A = tf.reshape(tf.range(1, 26), [5, 5])

A
Out[5]: 
<tf.Tensor: id=5, shape=(5, 5), dtype=int32, numpy=
array([[ 1,  2,  3,  4,  5],
       [ 6,  7,  8,  9, 10],
       [11, 12, 13, 14, 15],
       [16, 17, 18, 19, 20],
       [21, 22, 23, 24, 25]])>

tf.matrix_band_part(A, 0, 0)
Out[6]: 
<tf.Tensor: id=9, shape=(5, 5), dtype=int32, numpy=
array([[ 1,  0,  0,  0,  0],
       [ 0,  7,  0,  0,  0],
       [ 0,  0, 13,  0,  0],
       [ 0,  0,  0, 19,  0],
       [ 0,  0,  0,  0, 25]])>

tf.matrix_band_part(A, 0, 1)
Out[7]: 
<tf.Tensor: id=13, shape=(5, 5), dtype=int32, numpy=
array([[ 1,  2,  0,  0,  0],
       [ 0,  7,  8,  0,  0],
       [ 0,  0, 13, 14,  0],
       [ 0,  0,  0, 19, 20],
       [ 0,  0,  0,  0, 25]])>

tf.matrix_band_part(A, 0, 2)
Out[8]: 
<tf.Tensor: id=17, shape=(5, 5), dtype=int32, numpy=
array([[ 1,  2,  3,  0,  0],
       [ 0,  7,  8,  9,  0],
       [ 0,  0, 13, 14, 15],
       [ 0,  0,  0, 19, 20],
       [ 0,  0,  0,  0, 25]])>

tf.matrix_band_part(A, -2, 1)
Out[9]: 
<tf.Tensor: id=21, shape=(5, 5), dtype=int32, numpy=
array([[ 1,  2,  0,  0,  0],
       [ 6,  7,  8,  0,  0],
       [11, 12, 13, 14,  0],
       [16, 17, 18, 19, 20],
       [21, 22, 23, 24, 25]])>

tf.matrix_band_part(A, 2, 1)
Out[10]: 
<tf.Tensor: id=25, shape=(5, 5), dtype=int32, numpy=
array([[ 1,  2,  0,  0,  0],
       [ 6,  7,  8,  0,  0],
       [11, 12, 13, 14,  0],
       [ 0, 17, 18, 19, 20],
       [ 0,  0, 23, 24, 25]])>

B = A[0:3]

tf.matrix_band_part(B, 0, 0)
Out[12]: 
<tf.Tensor: id=33, shape=(3, 5), dtype=int32, numpy=
array([[ 1,  0,  0,  0,  0],
       [ 0,  7,  0,  0,  0],
       [ 0,  0, 13,  0,  0]])>

tf.matrix_band_part(B, 0, 1)
Out[13]: 
<tf.Tensor: id=37, shape=(3, 5), dtype=int32, numpy=
array([[ 1,  2,  0,  0,  0],
       [ 0,  7,  8,  0,  0],
       [ 0,  0, 13, 14,  0]])>

另外 attention_mask函数中，为什么不使用tf.matrix_band_part, 为什么这个在TPU上会产生garbage?

猜测是否与 tf.matrix_band_part 最终调用的C代码来实现。
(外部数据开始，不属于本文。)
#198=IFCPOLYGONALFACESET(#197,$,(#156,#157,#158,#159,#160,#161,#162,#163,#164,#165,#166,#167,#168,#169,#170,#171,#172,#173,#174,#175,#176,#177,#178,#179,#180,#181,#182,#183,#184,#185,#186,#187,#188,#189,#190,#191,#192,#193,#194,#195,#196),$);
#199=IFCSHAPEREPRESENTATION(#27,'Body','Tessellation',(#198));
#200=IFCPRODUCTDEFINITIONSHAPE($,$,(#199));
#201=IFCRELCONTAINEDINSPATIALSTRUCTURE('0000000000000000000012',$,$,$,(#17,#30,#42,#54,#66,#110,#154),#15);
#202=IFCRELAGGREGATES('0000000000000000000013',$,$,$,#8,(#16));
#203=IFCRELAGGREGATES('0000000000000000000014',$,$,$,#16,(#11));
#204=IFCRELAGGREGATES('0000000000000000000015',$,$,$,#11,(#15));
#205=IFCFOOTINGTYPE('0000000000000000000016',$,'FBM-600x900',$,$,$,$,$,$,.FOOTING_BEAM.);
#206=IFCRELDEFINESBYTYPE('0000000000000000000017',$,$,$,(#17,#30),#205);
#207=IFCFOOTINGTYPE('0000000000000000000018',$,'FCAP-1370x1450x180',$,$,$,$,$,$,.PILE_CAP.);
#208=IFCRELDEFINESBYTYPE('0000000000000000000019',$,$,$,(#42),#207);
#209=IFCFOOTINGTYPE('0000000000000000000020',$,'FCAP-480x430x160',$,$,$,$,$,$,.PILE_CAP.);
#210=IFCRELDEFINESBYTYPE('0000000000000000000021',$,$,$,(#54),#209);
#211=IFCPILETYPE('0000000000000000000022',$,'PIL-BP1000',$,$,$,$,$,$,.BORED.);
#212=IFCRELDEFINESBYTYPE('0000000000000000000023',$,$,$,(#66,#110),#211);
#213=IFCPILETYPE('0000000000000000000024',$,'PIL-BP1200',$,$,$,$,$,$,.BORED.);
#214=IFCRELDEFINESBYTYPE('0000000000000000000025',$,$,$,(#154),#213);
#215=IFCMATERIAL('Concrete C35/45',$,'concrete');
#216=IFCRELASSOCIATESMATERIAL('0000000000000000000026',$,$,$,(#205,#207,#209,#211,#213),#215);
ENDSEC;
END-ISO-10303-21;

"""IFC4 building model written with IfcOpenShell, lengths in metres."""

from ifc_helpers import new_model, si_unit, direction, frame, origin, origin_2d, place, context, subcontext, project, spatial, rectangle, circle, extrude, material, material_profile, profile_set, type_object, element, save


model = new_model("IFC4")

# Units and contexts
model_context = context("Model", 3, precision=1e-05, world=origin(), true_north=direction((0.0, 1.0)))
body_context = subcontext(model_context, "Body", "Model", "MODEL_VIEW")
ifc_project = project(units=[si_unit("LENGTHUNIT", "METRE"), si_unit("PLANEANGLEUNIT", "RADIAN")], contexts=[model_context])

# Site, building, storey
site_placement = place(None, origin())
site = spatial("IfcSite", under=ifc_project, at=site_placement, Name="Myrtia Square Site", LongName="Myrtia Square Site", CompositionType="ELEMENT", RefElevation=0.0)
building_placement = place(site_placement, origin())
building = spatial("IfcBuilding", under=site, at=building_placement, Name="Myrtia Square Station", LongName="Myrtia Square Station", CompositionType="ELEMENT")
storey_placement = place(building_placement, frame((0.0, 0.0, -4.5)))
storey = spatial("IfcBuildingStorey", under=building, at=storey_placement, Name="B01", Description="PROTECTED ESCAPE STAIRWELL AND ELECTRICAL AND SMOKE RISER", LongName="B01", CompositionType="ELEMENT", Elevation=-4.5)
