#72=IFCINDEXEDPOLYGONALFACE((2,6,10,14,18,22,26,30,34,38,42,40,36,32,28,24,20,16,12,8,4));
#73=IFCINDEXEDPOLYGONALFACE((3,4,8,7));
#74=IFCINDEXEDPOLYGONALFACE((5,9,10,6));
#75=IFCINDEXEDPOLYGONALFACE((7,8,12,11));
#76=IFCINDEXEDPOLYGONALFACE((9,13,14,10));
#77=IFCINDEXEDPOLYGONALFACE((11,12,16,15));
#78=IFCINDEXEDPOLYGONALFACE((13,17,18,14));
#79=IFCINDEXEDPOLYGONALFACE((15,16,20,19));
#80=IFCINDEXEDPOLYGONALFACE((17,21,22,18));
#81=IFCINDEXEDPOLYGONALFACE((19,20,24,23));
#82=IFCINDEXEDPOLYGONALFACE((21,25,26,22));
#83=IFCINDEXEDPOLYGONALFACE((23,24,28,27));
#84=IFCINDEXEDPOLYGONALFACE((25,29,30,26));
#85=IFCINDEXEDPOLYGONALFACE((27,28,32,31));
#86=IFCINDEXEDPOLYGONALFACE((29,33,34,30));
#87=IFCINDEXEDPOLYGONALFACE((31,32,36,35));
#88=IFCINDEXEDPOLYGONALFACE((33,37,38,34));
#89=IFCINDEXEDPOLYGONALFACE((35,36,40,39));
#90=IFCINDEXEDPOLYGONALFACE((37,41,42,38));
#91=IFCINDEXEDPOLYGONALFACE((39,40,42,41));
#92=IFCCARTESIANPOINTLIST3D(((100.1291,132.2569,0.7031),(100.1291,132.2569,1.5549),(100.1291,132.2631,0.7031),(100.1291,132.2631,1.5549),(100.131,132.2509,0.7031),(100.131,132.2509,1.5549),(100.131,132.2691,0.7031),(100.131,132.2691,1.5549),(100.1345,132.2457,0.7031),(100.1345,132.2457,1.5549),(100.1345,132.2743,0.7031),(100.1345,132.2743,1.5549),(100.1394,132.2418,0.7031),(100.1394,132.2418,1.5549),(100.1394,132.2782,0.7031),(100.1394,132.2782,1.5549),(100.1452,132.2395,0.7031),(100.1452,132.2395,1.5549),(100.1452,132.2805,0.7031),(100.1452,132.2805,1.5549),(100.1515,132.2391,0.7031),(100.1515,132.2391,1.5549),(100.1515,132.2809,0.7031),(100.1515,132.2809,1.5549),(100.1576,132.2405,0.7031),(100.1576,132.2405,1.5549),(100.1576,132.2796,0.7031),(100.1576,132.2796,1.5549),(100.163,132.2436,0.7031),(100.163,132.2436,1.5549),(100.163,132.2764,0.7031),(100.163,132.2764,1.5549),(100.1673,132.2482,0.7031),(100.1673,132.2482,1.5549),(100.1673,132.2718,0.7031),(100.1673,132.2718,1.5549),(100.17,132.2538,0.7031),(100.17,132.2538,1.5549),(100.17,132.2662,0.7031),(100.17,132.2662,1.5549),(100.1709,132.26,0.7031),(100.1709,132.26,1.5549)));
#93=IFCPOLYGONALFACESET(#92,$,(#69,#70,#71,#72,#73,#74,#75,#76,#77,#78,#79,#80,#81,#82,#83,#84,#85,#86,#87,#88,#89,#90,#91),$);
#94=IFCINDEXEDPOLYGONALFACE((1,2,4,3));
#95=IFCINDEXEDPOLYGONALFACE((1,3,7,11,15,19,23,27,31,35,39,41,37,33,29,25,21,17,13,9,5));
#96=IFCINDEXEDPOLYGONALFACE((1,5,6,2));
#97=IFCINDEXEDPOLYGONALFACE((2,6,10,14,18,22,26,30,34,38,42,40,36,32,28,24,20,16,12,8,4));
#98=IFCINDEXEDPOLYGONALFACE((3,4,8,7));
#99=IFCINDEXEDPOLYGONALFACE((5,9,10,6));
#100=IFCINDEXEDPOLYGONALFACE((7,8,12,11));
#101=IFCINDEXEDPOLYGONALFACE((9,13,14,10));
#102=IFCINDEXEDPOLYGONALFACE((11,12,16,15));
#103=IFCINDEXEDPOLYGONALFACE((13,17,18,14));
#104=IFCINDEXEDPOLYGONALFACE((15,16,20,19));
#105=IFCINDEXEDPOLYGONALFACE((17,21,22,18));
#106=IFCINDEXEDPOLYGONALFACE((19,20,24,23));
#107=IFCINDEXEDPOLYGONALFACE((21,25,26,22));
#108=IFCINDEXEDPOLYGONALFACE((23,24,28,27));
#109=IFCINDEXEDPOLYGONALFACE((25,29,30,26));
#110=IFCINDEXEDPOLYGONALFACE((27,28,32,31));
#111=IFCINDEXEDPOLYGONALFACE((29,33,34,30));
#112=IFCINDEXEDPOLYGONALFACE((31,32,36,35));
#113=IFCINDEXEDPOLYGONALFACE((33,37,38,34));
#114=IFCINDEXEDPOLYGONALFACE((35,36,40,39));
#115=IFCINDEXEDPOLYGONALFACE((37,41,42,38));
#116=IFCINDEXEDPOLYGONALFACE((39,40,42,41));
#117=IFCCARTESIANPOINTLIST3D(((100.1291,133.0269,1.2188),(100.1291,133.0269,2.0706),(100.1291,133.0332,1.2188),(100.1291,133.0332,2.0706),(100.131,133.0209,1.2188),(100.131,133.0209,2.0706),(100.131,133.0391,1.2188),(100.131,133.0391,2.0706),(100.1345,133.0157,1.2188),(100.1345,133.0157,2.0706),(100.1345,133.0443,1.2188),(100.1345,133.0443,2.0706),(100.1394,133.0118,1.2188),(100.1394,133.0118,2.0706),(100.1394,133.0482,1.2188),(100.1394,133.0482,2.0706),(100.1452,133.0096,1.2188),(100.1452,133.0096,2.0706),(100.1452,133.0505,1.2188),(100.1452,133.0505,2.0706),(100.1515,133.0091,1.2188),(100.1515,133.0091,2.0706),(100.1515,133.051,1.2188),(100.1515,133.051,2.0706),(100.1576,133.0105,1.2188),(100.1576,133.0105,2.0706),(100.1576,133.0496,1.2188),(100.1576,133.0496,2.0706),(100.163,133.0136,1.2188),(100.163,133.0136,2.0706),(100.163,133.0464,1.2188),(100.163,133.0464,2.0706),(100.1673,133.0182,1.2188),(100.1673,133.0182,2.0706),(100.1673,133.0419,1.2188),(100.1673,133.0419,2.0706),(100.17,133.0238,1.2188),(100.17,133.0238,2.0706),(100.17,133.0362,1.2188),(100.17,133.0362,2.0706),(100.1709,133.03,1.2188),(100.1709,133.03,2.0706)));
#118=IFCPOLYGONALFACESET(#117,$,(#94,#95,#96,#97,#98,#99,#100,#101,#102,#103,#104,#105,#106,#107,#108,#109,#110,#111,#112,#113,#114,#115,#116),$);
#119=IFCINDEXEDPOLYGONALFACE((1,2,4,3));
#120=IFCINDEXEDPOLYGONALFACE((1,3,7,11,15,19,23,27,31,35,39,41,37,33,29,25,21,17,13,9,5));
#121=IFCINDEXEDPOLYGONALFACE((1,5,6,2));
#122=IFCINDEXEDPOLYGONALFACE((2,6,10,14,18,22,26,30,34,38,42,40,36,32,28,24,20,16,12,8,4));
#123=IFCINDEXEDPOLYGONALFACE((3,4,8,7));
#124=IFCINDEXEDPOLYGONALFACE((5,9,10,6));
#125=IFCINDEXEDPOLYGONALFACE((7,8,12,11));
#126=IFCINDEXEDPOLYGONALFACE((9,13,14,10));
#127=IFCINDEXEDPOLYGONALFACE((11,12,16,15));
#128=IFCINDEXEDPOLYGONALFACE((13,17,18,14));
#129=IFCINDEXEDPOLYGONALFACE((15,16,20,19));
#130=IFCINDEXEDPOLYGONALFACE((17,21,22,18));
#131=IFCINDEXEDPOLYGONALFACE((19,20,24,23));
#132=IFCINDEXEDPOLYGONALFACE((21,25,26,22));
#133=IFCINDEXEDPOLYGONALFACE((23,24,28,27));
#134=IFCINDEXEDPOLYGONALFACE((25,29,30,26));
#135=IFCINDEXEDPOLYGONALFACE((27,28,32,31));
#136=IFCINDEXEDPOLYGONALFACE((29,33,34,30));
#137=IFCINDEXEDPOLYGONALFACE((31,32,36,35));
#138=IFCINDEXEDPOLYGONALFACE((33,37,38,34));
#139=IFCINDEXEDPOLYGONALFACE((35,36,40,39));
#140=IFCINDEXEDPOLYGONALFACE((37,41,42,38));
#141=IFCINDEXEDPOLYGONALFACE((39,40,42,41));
而用当前的实现，是在graph中实现的张量运算。

不过TPU上好像是不能运行C++程序，而不是注释中的“产生garbage”。。不清楚，欢迎知道的大侠指导一下。

“TPU上无法运行CPU上跑的Java或C++程序，也无法运行GPU上的CUDA程序。虽然尚未有公开信息，但它的编程方式非常可能是这样：TensorFlow把神经网络用一种中间格式表示出来，然后这种中间格式被编译器转换为TPU上独特的程序。这种中间格式被称为TensorFlow XLA，它也将是TensorFlow支持其它线性代数加速器的工具。”